Sleater-Kinney’s reunion record is titled No Cities Left to Love—that title is a boldfaced lie. Sleater-Kinney showed our city an abundance of love.  They shared it to a packed floor of fans spanning at least 3 generations.  For many in attendance, this was not just a concert, but a rite of passage for their heirs.

In a vaguely familiar twist, a little sleight of hand was at work, and THEESATISFACTION opened with a stylistic shift I’m not sure many in attendance were expecting.  The duo of Stas & Cats, themselves natives of Washington state and label mates of Sleater-Kinney, may remind some of Floetry.  Their combination of jazz infected hip-hop and R & B, throwback matching attire, and old school energy and stage presence was a pleasant curve ball. The duo addressed the audience and rallied them to make a stand against racial, gender, and sexual-orientation discrimination. By the end of their set the respectful, pleasant-minded audience was appreciative. THEESATIFACTION were on point, consummate pros, delivering a fluid performance that was a flashback to the golden age of hip-hop with a modern level of musical refinement and lyrical topicality. As they danced their way off stage, you could sense the energy of the audience shift slightly, from pleasant to expectant. A much heralded return was moments away.

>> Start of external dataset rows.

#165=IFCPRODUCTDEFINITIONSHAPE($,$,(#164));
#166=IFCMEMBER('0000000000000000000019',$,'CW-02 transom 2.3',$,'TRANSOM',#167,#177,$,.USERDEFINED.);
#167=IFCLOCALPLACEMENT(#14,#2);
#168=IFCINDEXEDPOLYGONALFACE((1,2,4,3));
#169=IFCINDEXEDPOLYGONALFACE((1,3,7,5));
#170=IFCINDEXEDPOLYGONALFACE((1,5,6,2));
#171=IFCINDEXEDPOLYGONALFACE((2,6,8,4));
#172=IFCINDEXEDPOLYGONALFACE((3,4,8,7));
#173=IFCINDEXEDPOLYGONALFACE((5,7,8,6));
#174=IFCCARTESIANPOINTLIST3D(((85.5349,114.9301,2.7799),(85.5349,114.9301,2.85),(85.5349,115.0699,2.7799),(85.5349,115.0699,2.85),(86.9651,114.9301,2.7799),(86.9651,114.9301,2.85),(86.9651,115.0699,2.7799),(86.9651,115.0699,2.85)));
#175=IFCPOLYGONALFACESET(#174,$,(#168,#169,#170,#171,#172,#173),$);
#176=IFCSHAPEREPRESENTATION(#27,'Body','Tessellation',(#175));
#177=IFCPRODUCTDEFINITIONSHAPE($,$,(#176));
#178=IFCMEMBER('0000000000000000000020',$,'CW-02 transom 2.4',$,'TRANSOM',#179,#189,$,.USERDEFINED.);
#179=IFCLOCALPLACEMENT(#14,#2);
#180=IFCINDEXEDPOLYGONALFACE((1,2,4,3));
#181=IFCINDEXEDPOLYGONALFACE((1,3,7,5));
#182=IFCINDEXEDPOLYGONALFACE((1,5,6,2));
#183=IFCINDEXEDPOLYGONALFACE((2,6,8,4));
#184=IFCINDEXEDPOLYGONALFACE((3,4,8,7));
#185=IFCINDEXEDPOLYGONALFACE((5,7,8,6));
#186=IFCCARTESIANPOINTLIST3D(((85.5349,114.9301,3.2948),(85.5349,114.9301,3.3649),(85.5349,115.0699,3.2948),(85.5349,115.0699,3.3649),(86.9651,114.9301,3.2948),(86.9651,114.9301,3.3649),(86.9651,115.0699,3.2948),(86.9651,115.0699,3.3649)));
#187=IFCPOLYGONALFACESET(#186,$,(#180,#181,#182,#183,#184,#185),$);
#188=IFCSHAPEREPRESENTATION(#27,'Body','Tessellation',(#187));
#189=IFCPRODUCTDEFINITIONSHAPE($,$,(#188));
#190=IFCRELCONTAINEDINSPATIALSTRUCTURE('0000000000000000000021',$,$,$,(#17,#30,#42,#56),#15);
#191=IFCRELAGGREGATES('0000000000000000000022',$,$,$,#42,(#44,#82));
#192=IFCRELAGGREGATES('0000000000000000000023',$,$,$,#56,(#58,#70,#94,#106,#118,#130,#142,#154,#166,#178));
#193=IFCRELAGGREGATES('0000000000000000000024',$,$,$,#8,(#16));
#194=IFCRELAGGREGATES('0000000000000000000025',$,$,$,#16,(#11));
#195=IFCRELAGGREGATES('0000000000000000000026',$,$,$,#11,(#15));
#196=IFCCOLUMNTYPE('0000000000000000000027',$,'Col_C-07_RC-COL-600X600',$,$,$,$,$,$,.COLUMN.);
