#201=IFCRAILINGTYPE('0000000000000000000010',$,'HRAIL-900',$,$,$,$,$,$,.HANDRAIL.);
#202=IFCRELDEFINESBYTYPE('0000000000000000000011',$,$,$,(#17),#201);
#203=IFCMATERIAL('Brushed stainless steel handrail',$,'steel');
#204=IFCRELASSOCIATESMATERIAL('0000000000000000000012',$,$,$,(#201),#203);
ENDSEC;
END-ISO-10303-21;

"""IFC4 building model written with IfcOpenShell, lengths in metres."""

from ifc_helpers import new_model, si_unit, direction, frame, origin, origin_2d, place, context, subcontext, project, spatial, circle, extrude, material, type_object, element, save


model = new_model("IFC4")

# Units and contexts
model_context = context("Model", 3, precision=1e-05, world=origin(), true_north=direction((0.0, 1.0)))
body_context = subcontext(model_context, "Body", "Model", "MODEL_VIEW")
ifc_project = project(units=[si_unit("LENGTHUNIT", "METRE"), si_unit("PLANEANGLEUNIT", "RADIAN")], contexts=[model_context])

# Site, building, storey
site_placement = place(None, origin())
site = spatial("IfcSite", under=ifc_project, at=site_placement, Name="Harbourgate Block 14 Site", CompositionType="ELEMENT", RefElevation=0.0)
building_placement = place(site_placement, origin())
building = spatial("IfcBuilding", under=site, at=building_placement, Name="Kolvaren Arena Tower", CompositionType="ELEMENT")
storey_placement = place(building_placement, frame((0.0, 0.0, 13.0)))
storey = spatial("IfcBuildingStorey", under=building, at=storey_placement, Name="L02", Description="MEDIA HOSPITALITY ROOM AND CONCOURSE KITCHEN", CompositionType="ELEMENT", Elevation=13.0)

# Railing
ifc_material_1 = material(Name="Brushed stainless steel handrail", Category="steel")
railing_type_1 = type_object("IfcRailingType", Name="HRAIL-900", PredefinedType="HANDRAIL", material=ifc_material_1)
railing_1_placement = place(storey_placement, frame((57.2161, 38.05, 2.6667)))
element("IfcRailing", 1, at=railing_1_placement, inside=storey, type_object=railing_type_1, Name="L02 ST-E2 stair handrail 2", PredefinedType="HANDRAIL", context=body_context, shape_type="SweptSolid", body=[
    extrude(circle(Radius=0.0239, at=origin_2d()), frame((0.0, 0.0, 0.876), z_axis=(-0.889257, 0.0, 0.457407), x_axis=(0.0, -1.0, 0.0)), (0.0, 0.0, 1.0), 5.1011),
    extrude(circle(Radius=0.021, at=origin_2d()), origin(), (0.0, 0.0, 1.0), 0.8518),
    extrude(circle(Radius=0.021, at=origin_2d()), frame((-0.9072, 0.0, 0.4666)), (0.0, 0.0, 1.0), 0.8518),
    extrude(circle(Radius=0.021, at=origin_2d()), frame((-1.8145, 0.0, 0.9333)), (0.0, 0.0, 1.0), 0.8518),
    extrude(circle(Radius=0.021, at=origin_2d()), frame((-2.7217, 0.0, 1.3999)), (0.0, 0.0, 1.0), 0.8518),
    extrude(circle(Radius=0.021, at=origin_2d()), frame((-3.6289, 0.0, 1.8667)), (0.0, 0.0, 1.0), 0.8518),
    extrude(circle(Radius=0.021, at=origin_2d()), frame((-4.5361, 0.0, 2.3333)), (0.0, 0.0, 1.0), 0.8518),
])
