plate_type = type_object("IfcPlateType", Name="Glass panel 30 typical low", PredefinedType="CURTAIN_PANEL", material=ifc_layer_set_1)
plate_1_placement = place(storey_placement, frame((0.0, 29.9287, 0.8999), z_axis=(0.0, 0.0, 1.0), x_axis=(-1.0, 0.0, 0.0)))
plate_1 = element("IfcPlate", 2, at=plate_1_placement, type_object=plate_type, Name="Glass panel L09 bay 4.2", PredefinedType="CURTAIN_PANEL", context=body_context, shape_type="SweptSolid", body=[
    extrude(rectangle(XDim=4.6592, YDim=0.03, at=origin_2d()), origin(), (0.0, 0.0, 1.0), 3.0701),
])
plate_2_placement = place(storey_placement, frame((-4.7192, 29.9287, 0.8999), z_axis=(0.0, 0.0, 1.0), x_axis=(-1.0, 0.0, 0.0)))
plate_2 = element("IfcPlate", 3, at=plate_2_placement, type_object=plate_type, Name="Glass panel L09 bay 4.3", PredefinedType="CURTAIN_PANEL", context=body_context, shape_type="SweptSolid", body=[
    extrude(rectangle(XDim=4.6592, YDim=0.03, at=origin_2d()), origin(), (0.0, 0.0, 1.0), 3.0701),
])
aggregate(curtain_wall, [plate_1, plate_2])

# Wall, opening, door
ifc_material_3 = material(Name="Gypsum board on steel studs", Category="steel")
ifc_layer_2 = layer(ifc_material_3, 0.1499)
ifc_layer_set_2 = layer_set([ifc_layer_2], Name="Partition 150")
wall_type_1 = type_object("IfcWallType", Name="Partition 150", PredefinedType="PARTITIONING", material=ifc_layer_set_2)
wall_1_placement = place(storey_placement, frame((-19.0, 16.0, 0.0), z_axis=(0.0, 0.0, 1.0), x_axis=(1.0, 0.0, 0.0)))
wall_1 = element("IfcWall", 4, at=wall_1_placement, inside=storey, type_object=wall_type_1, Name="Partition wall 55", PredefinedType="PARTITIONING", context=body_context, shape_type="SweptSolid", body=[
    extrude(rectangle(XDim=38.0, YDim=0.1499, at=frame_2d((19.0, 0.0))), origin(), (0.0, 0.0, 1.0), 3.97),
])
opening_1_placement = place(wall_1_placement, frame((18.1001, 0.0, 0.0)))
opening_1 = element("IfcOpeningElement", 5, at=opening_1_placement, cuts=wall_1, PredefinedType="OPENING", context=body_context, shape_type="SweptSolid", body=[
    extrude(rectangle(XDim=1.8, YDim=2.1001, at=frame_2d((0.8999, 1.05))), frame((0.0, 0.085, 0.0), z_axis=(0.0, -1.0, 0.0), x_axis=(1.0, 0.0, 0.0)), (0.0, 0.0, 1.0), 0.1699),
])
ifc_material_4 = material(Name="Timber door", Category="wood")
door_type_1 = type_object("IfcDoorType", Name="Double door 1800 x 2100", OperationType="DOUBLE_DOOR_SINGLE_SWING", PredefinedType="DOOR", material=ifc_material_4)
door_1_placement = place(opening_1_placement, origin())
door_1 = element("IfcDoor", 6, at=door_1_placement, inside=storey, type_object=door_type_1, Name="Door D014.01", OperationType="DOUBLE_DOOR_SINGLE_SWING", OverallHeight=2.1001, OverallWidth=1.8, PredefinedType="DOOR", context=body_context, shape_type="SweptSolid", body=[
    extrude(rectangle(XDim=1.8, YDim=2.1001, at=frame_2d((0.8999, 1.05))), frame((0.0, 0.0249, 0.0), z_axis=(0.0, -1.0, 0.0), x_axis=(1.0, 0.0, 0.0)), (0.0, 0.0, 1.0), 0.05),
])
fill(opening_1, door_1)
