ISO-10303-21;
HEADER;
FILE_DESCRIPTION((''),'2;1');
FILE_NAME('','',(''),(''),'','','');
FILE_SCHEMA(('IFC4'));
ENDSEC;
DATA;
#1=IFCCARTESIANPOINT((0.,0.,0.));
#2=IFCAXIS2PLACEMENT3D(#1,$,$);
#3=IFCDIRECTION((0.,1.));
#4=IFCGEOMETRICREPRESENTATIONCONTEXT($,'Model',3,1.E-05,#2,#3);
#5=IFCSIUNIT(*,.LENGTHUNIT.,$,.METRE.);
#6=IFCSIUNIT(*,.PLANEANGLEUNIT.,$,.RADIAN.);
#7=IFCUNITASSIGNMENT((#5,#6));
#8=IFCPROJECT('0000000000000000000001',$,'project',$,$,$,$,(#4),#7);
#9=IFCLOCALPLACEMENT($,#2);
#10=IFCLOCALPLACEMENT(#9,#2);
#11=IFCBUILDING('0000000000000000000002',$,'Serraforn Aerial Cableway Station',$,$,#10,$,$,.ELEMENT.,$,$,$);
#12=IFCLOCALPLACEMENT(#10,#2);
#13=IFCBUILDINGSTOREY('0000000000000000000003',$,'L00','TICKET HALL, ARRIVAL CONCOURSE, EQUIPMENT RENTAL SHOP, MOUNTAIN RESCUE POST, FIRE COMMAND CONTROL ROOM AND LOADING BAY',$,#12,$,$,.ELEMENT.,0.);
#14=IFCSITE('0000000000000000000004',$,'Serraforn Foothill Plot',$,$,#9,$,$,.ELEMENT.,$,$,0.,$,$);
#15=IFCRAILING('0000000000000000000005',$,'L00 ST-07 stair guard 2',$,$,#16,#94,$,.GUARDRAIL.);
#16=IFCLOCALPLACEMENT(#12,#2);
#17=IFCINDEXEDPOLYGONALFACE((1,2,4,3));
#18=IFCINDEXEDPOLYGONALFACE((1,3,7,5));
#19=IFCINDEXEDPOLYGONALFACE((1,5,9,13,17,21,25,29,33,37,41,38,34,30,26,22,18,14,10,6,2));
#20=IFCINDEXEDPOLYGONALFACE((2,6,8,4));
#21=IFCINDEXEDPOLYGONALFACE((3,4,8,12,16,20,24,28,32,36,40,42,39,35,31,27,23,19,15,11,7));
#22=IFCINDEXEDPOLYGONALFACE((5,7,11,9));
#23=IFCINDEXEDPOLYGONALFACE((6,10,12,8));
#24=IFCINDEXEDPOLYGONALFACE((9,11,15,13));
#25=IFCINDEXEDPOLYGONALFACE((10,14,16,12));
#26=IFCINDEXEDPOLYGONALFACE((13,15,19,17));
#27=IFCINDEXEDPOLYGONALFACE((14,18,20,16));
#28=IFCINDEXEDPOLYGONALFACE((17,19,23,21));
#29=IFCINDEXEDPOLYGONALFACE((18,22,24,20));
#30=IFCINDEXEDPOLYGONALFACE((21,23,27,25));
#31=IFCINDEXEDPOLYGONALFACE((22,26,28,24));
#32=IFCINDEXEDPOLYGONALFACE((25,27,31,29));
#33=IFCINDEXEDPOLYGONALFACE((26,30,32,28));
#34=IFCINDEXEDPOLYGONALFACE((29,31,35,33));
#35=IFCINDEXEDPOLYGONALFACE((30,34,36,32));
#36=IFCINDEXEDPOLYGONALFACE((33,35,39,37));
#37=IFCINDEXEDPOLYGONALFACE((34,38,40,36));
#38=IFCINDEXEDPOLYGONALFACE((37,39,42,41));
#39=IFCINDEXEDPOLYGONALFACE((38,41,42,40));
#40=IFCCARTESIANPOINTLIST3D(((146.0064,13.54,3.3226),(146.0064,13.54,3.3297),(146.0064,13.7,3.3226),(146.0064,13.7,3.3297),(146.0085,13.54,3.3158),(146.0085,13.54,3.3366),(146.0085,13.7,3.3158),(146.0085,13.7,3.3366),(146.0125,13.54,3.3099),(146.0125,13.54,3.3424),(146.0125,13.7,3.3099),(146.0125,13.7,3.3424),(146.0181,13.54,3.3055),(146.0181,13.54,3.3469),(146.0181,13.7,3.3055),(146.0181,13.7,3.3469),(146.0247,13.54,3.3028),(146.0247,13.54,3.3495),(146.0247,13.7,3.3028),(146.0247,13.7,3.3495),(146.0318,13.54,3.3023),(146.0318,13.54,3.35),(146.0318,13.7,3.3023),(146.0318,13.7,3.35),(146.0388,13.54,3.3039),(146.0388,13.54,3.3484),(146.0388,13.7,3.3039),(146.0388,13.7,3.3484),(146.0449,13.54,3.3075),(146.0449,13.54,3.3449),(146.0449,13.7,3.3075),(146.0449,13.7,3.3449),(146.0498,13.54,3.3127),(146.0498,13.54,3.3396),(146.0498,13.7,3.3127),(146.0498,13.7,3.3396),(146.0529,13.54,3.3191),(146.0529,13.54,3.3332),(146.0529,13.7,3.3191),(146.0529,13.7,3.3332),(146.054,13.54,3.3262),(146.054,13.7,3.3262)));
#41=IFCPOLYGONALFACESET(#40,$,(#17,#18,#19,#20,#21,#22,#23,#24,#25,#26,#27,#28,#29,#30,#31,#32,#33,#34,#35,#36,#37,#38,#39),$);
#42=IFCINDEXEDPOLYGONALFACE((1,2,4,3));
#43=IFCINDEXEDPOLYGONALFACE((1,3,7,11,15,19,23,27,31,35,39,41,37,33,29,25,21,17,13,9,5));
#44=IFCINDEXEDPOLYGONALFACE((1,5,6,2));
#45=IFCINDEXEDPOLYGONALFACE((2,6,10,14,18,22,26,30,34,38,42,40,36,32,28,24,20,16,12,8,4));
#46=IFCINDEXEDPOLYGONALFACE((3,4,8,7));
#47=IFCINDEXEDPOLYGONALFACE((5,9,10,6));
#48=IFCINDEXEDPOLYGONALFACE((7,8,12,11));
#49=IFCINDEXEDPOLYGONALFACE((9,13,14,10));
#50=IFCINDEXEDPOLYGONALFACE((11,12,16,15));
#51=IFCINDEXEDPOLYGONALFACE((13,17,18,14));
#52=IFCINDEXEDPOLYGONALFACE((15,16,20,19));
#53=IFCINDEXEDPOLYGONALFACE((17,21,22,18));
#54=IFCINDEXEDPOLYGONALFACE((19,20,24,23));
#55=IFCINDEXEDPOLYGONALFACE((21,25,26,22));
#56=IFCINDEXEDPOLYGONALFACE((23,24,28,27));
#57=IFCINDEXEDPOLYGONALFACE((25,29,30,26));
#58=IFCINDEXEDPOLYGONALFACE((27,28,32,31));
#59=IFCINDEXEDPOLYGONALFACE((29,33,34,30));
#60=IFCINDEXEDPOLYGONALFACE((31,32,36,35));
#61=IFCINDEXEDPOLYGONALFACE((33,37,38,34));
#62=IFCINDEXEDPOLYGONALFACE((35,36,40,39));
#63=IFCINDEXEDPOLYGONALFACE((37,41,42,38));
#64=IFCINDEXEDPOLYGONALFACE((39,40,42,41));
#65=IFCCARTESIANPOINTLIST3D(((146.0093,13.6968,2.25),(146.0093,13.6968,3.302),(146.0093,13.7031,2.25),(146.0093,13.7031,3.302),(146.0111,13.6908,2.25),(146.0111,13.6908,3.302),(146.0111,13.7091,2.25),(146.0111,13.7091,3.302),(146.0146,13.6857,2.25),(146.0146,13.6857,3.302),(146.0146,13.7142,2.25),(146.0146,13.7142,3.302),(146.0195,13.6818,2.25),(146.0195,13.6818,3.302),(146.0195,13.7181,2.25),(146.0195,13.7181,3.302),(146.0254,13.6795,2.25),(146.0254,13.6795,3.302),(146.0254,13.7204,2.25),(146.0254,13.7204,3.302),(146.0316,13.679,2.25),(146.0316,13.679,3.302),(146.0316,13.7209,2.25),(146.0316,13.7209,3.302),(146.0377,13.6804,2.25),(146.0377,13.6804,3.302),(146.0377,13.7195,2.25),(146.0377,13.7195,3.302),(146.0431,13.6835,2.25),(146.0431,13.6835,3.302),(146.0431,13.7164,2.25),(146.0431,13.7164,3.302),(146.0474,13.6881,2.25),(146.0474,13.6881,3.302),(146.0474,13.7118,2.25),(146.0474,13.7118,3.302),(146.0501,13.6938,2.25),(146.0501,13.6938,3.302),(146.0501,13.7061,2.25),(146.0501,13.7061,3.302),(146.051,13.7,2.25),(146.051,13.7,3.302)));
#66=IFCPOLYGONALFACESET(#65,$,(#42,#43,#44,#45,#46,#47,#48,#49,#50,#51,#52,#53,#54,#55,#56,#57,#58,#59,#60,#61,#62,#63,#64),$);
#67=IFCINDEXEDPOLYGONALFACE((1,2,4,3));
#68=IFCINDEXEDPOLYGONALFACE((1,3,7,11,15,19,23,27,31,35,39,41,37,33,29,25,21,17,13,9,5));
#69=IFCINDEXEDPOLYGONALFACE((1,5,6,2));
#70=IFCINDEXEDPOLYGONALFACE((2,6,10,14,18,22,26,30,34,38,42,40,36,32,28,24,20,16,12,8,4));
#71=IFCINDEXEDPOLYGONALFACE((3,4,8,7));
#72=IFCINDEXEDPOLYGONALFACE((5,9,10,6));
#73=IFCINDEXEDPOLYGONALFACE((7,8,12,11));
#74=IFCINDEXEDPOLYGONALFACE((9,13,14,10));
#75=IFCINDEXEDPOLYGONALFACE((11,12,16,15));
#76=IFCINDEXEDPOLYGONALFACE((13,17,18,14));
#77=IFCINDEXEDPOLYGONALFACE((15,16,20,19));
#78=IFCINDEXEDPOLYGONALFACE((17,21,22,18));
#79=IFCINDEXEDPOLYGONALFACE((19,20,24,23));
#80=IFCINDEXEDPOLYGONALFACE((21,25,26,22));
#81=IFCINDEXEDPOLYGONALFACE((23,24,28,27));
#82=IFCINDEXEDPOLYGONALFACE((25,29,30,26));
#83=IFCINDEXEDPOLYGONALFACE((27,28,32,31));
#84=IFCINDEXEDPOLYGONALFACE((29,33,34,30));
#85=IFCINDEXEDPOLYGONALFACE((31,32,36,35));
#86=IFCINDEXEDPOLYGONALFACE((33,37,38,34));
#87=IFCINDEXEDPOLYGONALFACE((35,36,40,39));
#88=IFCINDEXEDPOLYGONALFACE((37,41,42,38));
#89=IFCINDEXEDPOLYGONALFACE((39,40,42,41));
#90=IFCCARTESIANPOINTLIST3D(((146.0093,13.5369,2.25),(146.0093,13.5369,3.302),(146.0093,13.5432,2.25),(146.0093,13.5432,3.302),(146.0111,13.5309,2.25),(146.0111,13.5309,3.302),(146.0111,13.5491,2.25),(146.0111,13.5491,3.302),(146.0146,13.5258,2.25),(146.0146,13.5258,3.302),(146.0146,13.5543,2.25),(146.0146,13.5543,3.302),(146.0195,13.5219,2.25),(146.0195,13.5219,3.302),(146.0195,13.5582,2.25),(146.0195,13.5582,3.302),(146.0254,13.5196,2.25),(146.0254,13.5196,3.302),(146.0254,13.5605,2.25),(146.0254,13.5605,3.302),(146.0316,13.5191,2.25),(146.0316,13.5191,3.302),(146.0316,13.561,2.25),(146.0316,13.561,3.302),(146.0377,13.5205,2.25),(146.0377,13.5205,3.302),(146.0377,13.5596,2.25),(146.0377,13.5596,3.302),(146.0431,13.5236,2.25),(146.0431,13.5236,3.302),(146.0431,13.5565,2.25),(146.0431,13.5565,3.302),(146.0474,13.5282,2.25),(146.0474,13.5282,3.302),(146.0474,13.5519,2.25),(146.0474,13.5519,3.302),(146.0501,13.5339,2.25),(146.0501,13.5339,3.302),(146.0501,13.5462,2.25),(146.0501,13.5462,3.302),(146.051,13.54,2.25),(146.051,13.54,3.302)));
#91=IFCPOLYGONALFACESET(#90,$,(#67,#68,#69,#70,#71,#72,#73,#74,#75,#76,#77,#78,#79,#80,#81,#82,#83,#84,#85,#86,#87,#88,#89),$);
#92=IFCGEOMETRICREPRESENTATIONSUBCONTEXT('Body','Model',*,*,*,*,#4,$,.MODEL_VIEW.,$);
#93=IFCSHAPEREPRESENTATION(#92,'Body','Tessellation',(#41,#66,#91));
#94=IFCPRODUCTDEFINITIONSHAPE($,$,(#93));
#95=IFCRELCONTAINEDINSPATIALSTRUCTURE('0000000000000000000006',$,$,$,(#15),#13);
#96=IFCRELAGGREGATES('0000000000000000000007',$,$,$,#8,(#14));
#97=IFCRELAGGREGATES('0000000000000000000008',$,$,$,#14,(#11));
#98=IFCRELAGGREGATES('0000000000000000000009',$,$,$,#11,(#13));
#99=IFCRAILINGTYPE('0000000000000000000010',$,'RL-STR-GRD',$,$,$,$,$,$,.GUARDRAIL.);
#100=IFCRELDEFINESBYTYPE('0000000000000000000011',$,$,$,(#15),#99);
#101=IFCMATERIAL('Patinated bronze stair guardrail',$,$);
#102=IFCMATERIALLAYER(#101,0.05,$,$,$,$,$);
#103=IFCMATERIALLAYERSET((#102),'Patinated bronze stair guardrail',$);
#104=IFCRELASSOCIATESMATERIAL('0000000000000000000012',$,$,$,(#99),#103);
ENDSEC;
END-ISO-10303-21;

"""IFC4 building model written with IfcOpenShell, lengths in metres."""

from ifc_helpers import new_model, si_unit, direction, frame, origin, origin_2d, place, context, subcontext, project, spatial, circle, extrude, material, layer, layer_set, type_object, element, save


model = new_model("IFC4")

# Units and contexts
model_context = context("Model", 3, precision=1e-05, world=origin(), true_north=direction((0.0, 1.0)))
body_context = subcontext(model_context, "Body", "Model", "MODEL_VIEW")
ifc_project = project(units=[si_unit("LENGTHUNIT", "METRE"), si_unit("PLANEANGLEUNIT", "RADIAN")], contexts=[model_context])

# Site, building, storey
site_placement = place(None, origin())
site = spatial("IfcSite", under=ifc_project, at=site_placement, Name="Serraforn Foothill Plot", CompositionType="ELEMENT", RefElevation=0.0)
building_placement = place(site_placement, origin())
building = spatial("IfcBuilding", under=site, at=building_placement, Name="Serraforn Aerial Cableway Station", CompositionType="ELEMENT")
storey_placement = place(building_placement, origin())
storey = spatial("IfcBuildingStorey", under=building, at=storey_placement, Name="L00", Description="TICKET HALL, ARRIVAL CONCOURSE, EQUIPMENT RENTAL SHOP, MOUNTAIN RESCUE POST, FIRE COMMAND CONTROL ROOM AND LOADING BAY", CompositionType="ELEMENT", Elevation=0.0)

# Railing
ifc_material_1 = material(Name="Patinated bronze stair guardrail")
ifc_layer_1 = layer(ifc_material_1, 0.05)
ifc_layer_set_1 = layer_set([ifc_layer_1], Name="Patinated bronze stair guardrail")
railing_type_1 = type_object("IfcRailingType", Name="RL-STR-GRD", PredefinedType="GUARDRAIL", material=ifc_layer_set_1)
railing_placement = place(storey_placement, frame((146.03, 13.7, 2.25)))
element("IfcRailing", 1, at=railing_placement, inside=storey, type_object=railing_type_1, Name="L00 ST-07 stair guard 2", PredefinedType="GUARDRAIL", context=body_context, shape_type="SweptSolid", body=[
    extrude(circle(Radius=0.0239, at=origin_2d()), frame((0.0, 0.0, 1.0762), z_axis=(0.0, -1.0, 0.0), x_axis=(1.0, 0.0, 0.0)), (0.0, 0.0, 1.0), 0.1599),
    extrude(circle(Radius=0.021, at=origin_2d()), origin(), (0.0, 0.0, 1.0), 1.052),
    extrude(circle(Radius=0.021, at=origin_2d()), frame((0.0, -0.1599, 0.0)), (0.0, 0.0, 1.0), 1.052),
])

save(model, "model.ifc")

Corin Tucker, Carrie Brownstein, and Janet Weiss, with the addition of Katie Larkin of Skylarkin, took the stage and never let up rocking the crowd like it was the 90s all over again—but better. Sleater-Kinney is, without a doubt, in their prime as a band. They played the room perfectly loud. The absence of a bass player went unnoticed as the amount of low end in the mix could have fooled me into thinking there was one. In addition to that, Weiss’s use of her toms, and their mic placement and mixing allowed for a range of low-end frequencies that fill out the sound nicely. That’s particularly important when you have a band playing an hour and a half of up-tempo grooves.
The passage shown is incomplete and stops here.